People take a generic sentence like “lions are dangerous” to be true because they assume the existence of a causal connection between being a lion and the associated attribute: dangerous. That causal connection doesn’t have to be strong – not all lions need to be dangerous for us to believe that “lions are dangerous”. How strong the causal relationship needs to be, depends on how good or bad this attribute is – not for the lion, but for us. That is the hypothesis.
Animals learn associations between two things faster if one of the two has a high emotional impact for them. We think it makes sense that humans show the same behaviour. That is why generics like “ticks transmit the Lyme disease” are acceptable, not because most ticks transmit the Lyme disease, but because the Lyme disease is so bad for us.
It’s evolutionary favourable to believe in it. It has a bigger cost to not believe in it.
Now what do ticks and lions have to do with implicit biases in the media?
Stereotypes can be expressed explicitly in terms of generic sentences: “Dutch people love cheese.” “Women are bad at math.” But you also see stereotypes expressed implicitly in texts – for instance when Muslim names appear with negative connotations in a newspaper article. In our research we try to automatically extract those implicit biases from texts.
Formal semantics meets the real world
What can you learn from that?
First, we can determine how biased the language model that we use is. Such language models are based on neural networks which are trained with an enormous amount of data from the internet. From this data, the model learns associations which contain biases. In a second step, we train the model extra on certain media and see if that bias changes. Thereby we can identify how biased different news outlets are with respect to different topics.
Interesting! Since the Black Lives Matter protests started last year, the public has become aware that we all have implicit biases which can be very harmful. Are there any specific topics you are investigating, like gender or ethnicities?
Because we do it in an automatic way, it can be about any topic. We can type in any word, such as Muslim, Chinese, or Dutch and find out, for instance, if there is any particular positive or negative association with that word.

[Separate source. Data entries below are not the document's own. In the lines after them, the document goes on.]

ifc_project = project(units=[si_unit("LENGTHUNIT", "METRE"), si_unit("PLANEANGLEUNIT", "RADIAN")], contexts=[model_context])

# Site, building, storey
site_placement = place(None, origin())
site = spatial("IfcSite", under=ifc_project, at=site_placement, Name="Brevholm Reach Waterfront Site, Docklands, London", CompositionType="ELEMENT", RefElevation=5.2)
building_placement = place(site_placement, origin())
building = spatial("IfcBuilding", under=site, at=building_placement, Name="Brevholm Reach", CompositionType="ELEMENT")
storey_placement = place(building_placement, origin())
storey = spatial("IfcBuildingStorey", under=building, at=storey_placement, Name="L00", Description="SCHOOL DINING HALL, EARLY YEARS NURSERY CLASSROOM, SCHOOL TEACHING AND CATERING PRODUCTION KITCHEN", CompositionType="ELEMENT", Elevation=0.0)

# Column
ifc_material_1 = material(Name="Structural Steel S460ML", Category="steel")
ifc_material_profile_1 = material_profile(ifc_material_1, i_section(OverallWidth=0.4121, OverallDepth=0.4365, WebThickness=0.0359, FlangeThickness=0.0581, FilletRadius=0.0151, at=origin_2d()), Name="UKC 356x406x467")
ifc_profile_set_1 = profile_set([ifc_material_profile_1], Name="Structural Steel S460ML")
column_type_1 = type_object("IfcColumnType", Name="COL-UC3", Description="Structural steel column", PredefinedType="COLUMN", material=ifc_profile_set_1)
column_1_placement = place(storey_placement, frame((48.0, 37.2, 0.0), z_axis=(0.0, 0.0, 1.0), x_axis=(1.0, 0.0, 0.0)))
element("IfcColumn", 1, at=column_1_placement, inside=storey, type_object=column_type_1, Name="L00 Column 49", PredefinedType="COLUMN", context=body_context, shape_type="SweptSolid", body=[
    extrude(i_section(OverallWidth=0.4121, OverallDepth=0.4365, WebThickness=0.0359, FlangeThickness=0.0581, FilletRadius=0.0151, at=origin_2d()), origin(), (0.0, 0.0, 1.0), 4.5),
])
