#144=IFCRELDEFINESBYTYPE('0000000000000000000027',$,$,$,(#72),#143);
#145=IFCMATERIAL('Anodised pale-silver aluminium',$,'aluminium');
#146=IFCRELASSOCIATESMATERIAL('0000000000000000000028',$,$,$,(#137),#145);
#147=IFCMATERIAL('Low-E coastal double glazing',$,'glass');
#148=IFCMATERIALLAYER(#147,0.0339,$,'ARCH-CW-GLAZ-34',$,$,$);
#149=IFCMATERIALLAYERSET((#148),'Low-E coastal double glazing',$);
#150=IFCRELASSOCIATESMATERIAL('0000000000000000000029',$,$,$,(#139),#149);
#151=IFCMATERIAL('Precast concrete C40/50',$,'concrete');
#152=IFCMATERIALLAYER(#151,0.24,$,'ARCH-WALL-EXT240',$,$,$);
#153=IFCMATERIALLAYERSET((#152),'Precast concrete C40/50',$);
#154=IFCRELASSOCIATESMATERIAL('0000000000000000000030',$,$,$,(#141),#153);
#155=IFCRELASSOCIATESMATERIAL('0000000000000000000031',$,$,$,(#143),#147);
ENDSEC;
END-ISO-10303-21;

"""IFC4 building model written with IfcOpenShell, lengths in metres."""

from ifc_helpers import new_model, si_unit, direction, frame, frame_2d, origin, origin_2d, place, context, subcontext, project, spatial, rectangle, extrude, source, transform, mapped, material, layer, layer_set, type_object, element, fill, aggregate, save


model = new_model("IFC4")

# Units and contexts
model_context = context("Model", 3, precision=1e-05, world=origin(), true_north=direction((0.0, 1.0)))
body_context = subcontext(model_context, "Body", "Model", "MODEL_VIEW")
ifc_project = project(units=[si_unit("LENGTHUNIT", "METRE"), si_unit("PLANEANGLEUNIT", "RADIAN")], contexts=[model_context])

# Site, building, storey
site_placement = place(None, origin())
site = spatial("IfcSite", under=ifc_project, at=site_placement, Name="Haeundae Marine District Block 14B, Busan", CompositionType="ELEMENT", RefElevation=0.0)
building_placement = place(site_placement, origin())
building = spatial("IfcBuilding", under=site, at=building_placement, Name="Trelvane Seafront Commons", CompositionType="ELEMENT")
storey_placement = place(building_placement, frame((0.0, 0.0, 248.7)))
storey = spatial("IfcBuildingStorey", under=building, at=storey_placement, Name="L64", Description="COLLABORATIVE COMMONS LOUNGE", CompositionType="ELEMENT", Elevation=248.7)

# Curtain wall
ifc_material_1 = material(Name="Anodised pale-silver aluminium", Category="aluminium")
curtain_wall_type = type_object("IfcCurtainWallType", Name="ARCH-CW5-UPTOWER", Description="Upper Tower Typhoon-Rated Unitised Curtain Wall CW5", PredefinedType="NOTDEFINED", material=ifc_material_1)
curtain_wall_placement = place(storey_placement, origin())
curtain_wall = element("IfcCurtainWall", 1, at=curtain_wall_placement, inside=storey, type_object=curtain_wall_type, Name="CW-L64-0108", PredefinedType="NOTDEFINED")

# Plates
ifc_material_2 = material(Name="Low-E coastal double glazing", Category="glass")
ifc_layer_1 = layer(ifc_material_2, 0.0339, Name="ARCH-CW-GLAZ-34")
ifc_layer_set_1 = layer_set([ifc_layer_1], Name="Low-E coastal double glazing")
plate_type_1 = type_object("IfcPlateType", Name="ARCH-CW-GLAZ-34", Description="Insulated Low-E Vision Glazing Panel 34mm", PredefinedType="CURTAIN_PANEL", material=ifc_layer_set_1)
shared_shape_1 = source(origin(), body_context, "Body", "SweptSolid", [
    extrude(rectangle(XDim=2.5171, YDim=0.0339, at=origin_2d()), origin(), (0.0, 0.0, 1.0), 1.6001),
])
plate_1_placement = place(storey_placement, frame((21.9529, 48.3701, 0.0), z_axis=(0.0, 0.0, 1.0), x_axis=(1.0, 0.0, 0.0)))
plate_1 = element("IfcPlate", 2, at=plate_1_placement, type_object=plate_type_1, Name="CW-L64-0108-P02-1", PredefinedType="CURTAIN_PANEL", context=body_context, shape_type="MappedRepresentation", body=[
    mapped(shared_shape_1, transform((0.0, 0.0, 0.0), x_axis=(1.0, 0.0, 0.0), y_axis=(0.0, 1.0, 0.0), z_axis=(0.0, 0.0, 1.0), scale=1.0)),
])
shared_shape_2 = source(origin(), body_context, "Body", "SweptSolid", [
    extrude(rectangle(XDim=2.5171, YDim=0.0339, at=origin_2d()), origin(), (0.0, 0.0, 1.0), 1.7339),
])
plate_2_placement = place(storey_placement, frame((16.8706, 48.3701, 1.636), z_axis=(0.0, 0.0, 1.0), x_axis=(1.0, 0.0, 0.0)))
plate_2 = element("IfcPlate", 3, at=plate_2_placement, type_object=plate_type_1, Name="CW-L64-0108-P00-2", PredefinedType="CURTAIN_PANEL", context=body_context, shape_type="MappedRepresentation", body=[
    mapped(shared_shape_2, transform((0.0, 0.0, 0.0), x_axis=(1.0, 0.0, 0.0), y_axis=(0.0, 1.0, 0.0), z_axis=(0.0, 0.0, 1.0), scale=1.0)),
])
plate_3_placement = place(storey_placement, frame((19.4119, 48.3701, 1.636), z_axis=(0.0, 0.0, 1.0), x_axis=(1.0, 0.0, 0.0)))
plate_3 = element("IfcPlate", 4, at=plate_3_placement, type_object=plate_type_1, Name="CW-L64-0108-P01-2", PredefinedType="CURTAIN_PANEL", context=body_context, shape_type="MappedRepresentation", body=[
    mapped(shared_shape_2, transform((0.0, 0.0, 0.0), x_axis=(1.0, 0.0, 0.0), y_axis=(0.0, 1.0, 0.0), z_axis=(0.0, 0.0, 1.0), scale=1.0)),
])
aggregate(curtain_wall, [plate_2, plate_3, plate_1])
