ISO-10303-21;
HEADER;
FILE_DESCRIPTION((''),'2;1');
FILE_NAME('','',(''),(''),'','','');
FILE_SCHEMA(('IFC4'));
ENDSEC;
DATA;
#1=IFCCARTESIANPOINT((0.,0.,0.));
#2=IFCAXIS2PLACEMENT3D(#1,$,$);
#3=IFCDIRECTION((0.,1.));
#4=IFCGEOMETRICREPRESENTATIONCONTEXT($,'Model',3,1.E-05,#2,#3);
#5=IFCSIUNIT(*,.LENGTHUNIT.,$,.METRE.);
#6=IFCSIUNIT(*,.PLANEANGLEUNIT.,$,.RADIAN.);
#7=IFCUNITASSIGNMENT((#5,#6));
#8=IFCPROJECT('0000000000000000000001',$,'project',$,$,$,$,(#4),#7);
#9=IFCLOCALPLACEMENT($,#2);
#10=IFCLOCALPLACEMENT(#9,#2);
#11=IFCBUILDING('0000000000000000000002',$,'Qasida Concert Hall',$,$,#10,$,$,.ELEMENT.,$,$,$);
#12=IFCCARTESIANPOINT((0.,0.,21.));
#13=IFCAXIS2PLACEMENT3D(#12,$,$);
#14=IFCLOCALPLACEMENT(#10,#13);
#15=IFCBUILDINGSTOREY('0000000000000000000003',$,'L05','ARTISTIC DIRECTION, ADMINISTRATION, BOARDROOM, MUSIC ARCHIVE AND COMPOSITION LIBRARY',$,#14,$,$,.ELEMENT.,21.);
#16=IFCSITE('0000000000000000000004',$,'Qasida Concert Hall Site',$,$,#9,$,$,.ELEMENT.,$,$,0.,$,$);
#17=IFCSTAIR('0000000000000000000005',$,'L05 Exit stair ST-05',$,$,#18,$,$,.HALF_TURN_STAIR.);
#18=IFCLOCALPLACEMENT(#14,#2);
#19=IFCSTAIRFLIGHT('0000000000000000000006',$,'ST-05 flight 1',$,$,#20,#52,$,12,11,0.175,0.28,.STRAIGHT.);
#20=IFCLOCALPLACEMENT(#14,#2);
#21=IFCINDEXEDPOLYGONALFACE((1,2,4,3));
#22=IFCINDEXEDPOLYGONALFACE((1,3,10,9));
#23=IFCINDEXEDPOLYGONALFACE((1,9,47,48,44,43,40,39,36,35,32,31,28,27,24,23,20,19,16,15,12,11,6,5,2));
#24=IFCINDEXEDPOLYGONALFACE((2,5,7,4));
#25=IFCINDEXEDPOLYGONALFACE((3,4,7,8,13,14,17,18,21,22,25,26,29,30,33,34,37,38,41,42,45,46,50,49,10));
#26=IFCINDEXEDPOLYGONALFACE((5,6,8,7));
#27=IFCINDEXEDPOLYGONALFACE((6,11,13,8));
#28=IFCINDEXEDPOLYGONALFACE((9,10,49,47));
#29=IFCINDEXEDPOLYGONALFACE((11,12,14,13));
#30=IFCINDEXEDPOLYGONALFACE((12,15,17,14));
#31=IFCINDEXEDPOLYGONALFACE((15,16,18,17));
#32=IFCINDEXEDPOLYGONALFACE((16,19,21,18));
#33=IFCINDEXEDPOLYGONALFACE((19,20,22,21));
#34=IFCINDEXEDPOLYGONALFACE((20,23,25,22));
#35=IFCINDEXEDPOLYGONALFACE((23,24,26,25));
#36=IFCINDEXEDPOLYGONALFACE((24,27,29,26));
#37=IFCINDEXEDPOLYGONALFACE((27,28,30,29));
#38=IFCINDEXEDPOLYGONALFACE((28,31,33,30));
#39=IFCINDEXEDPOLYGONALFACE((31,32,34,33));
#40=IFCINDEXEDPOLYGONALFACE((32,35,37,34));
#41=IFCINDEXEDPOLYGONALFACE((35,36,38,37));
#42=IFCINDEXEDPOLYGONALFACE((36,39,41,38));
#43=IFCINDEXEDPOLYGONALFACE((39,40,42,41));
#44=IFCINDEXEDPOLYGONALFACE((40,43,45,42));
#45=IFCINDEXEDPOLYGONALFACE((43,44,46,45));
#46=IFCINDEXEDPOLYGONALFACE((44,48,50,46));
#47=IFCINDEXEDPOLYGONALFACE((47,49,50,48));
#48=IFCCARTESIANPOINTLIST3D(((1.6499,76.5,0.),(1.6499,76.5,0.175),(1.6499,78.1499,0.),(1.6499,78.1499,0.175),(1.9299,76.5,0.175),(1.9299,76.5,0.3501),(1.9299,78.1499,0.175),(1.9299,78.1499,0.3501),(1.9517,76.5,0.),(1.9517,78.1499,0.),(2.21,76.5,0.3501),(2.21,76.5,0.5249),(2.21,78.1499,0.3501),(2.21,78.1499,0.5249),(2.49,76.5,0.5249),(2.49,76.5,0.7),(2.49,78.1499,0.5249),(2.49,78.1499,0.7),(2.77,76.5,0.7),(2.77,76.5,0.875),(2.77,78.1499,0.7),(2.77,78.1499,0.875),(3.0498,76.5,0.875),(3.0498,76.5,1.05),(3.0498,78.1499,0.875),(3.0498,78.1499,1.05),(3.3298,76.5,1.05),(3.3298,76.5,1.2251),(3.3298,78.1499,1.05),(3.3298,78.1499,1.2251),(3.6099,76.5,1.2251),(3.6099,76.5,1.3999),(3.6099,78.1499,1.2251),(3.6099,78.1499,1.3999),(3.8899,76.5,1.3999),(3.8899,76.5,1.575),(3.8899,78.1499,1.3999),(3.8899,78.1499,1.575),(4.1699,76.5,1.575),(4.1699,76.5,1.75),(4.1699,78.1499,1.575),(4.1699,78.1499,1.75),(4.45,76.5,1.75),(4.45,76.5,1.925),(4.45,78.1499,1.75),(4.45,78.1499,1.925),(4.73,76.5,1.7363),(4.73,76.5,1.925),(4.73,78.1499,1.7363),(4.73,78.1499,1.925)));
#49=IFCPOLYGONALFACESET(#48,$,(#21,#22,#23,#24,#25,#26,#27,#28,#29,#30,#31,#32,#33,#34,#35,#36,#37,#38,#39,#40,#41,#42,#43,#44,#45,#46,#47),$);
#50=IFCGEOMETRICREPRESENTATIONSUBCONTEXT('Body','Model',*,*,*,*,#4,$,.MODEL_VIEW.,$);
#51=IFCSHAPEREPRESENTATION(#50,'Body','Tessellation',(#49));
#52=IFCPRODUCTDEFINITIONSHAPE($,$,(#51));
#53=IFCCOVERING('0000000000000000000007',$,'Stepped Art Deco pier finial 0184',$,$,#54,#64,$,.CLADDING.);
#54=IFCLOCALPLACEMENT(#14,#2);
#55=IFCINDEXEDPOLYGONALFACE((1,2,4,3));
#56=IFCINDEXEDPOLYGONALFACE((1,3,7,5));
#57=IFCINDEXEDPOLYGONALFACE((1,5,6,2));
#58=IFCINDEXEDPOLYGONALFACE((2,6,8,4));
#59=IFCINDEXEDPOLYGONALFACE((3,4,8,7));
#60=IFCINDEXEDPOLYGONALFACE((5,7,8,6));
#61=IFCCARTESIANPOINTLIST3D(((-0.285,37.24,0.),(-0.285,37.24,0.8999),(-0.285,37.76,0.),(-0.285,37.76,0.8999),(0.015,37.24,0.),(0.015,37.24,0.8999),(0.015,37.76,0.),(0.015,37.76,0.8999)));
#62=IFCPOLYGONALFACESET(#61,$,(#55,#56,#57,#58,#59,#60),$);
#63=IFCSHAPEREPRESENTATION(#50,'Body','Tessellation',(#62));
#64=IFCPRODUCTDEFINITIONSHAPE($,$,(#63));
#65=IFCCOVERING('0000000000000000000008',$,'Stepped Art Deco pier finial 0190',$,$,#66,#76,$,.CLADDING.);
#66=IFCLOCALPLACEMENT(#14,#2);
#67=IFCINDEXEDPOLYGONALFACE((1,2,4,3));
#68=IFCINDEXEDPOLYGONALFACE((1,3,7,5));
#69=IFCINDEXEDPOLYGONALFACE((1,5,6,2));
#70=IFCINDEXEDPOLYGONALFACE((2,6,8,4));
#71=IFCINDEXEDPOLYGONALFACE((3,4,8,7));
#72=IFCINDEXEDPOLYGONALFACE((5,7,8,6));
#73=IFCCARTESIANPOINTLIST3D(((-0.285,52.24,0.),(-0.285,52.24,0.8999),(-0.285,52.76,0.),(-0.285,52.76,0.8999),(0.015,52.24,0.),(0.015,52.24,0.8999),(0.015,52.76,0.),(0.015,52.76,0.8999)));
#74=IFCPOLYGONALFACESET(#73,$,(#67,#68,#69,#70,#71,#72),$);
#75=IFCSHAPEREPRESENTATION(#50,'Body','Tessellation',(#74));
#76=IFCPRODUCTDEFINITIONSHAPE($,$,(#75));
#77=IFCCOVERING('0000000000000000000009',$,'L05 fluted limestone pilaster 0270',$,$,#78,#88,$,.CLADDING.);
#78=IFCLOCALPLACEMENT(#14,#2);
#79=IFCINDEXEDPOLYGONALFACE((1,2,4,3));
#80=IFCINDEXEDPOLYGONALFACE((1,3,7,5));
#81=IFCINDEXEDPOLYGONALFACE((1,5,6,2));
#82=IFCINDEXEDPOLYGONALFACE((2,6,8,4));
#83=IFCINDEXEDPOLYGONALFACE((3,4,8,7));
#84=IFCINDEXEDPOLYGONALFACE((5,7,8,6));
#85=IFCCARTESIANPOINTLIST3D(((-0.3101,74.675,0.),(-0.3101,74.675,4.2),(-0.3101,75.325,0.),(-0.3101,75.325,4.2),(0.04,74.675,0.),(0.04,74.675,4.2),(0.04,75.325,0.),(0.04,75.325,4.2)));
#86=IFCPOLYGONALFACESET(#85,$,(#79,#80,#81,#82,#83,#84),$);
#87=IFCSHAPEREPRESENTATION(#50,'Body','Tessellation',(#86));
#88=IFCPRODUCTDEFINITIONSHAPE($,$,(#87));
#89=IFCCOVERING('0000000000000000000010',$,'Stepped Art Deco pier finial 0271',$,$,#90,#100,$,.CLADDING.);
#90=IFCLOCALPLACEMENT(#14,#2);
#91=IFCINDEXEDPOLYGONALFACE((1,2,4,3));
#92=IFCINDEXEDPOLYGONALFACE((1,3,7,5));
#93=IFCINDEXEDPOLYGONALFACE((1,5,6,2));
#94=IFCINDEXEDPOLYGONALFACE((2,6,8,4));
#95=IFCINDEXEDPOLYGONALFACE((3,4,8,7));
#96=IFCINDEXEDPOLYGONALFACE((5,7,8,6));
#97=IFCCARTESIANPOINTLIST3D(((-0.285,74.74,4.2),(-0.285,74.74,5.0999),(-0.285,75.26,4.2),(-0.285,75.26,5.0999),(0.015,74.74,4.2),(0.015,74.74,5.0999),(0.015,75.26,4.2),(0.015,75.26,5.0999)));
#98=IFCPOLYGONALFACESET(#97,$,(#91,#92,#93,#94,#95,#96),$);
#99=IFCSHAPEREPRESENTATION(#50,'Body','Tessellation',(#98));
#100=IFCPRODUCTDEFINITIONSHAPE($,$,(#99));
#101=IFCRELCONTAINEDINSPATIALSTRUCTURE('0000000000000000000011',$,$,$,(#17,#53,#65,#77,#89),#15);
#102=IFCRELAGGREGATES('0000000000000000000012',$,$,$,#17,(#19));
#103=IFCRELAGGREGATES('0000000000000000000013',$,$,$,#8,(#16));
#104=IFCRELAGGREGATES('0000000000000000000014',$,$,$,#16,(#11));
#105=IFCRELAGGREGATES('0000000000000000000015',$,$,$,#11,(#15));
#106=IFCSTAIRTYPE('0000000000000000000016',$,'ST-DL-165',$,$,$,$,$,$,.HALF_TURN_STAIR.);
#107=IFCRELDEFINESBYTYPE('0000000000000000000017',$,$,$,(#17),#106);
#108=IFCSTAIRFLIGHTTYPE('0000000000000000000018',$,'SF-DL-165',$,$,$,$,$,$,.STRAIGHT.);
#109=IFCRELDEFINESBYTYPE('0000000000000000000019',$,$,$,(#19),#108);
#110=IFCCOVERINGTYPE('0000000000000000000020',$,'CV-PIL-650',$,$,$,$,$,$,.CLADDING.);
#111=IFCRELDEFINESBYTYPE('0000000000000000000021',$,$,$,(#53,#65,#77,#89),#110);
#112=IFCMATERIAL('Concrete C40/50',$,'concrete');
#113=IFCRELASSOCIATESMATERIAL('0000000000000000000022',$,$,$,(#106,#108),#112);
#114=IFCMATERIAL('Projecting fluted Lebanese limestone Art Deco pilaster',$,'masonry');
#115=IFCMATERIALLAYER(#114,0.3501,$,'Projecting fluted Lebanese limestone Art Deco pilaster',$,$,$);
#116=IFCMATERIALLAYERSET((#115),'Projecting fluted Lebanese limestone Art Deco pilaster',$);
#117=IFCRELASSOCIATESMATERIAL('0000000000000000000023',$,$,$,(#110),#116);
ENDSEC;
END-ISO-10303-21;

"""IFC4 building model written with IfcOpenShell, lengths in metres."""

from ifc_helpers import new_model, si_unit, direction, frame, origin, origin_2d, place, context, subcontext, project, spatial, polyline, rectangle, outline, extrude, material, layer, layer_set, type_object, element, aggregate, save


model = new_model("IFC4")

# Units and contexts
model_context = context("Model", 3, precision=1e-05, world=origin(), true_north=direction((0.0, 1.0)))
body_context = subcontext(model_context, "Body", "Model", "MODEL_VIEW")
ifc_project = project(units=[si_unit("LENGTHUNIT", "METRE"), si_unit("PLANEANGLEUNIT", "RADIAN")], contexts=[model_context])

# Site, building, storey
site_placement = place(None, origin())
site = spatial("IfcSite", under=ifc_project, at=site_placement, Name="Qasida Concert Hall Site", CompositionType="ELEMENT", RefElevation=0.0)
building_placement = place(site_placement, origin())
building = spatial("IfcBuilding", under=site, at=building_placement, Name="Qasida Concert Hall", CompositionType="ELEMENT")
storey_placement = place(building_placement, frame((0.0, 0.0, 21.0)))
storey = spatial("IfcBuildingStorey", under=building, at=storey_placement, Name="L05", Description="ARTISTIC DIRECTION, ADMINISTRATION, BOARDROOM, MUSIC ARCHIVE AND COMPOSITION LIBRARY", CompositionType="ELEMENT", Elevation=21.0)

# Shared definitions
ifc_material_1 = material(Name="Concrete C40/50", Category="concrete")

# Stair, stair flight
stair_type = type_object("IfcStairType", Name="ST-DL-165", PredefinedType="HALF_TURN_STAIR", material=ifc_material_1)
stair_placement = place(storey_placement, origin())
stair = element("IfcStair", 1, at=stair_placement, inside=storey, type_object=stair_type, Name="L05 Exit stair ST-05", PredefinedType="HALF_TURN_STAIR")
stair_flight_type = type_object("IfcStairFlightType", Name="SF-DL-165", PredefinedType="STRAIGHT", material=ifc_material_1)
stair_flight_placement = place(storey_placement, frame((1.6499, 77.325, 0.0), z_axis=(0.0, 0.0, 1.0), x_axis=(1.0, 0.0, 0.0)))
stair_flight = element("IfcStairFlight", 2, at=stair_flight_placement, type_object=stair_flight_type, Name="ST-05 flight 1", NumberOfRisers=12, NumberOfTreads=11, PredefinedType="STRAIGHT", RiserHeight=0.175, TreadLength=0.28, context=body_context, shape_type="SweptSolid", body=[
    extrude(outline(polyline([(0.0, 0.0), (0.0, 0.175), (0.28, 0.175), (0.28, 0.3501), (0.5601, 0.3501), (0.5601, 0.5249), (0.8401, 0.5249), (0.8401, 0.7), (1.1201, 0.7), (1.1201, 0.875), (1.3999, 0.875), (1.3999, 1.05), (1.6799, 1.05), (1.6799, 1.2251), (1.96, 1.2251), (1.96, 1.3999), (2.24, 1.3999), (2.24, 1.575), (2.52, 1.575), (2.52, 1.75), (2.8, 1.75), (2.8, 1.925), (3.0801, 1.925), (3.0801, 2.1001), (3.0801, 1.7363), (0.3018, 0.0), (0.0, 0.0)])), frame((0.0, 0.825, 0.0), z_axis=(0.0, -1.0, 0.0), x_axis=(1.0, 0.0, 0.0)), (0.0, 0.0, 1.0), 1.6499),
])
aggregate(stair, [stair_flight])

# Coverings
ifc_material_2 = material(Name="Projecting fluted Lebanese limestone Art Deco pilaster", Category="masonry")
ifc_layer_1 = layer(ifc_material_2, 0.3501, Name="Projecting fluted Lebanese limestone Art Deco pilaster")
ifc_layer_set_1 = layer_set([ifc_layer_1], Name="Projecting fluted Lebanese limestone Art Deco pilaster")
covering_type = type_object("IfcCoveringType", Name="CV-PIL-650", PredefinedType="CLADDING", material=ifc_layer_set_1)
for number, where, z_axis, x_axis, name in (
    (3, (-0.135, 37.5, 0.0), (0.0, 0.0, 1.0), (1.0, 0.0, 0.0), "Stepped Art Deco pier finial 0184"),
    (4, (-0.135, 52.5, 0.0), (0.0, 0.0, 1.0), (1.0, 0.0, 0.0), "Stepped Art Deco pier finial 0190"),
):
    element("IfcCovering", number, at=place(storey_placement, frame(where, z_axis=z_axis, x_axis=x_axis)), inside=storey, type_object=covering_type, Name=name, PredefinedType="CLADDING", context=body_context, shape_type="SweptSolid", body=[
        extrude(rectangle(XDim=0.3, YDim=0.52, at=origin_2d()), origin(), (0.0, 0.0, 1.0), 0.8999),
    ])
covering_1_placement = place(storey_placement, frame((-0.135, 75.0, 0.0), z_axis=(0.0, 0.0, 1.0), x_axis=(1.0, 0.0, 0.0)))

However, my personal interest in this project was to extract specific generic sentences from text corpora, like “Dutch people love clogs”. Then we can check if people also take these sentences to be true. This way I can empirically test my theory about the meaning of generics.

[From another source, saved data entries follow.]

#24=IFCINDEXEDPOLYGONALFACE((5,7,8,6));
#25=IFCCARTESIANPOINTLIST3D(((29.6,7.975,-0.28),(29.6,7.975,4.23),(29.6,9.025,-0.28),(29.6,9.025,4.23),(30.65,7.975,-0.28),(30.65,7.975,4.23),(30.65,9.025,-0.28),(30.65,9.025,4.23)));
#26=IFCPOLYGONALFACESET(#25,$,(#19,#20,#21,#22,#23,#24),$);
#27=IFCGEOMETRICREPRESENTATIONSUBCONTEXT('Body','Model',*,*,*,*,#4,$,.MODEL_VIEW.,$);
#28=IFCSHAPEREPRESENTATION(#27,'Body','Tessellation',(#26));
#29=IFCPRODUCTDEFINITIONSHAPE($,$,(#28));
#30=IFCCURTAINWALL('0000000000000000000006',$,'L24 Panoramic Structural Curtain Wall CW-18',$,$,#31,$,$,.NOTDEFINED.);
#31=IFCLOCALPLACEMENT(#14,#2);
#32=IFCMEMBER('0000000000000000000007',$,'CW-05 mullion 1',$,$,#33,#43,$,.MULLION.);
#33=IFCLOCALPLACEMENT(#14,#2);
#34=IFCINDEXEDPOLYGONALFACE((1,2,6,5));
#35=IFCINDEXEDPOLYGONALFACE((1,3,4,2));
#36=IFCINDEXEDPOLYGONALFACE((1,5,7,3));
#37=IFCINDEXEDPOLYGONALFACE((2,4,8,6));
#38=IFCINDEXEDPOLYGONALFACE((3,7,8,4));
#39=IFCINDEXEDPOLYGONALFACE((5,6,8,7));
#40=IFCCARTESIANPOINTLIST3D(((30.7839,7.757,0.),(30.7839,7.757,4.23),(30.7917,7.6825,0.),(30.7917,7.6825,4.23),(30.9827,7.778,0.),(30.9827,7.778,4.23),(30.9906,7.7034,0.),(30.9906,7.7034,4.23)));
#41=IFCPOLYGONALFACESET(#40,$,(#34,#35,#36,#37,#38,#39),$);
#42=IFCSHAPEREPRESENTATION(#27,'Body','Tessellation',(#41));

How could this research become useful for people?
Maybe we could create a tool that determines whether a text used by a company to advertise a product contains implicit negative biases. That is one potential application. But I have to admit that I need to think more about ways to apply it.
On a more personal note – what sparked your interest in language?
My family doesn’t have a scientific background. They are all in agriculture and I never thought much about doing anything else until I was 17 or 18. So I started studying horticulture. However, I was always interested in history, and became interested philosophy as well, and later philosophy of language. I thought I can’t do philosophy of language without knowing more about language, so I studied linguistics.
When I was researching topics like the meaning of only or wh-questions, my family could never relate to it. Now I’m working on generics and stereotypes, and they finally understand what I’m doing and think it might be useful.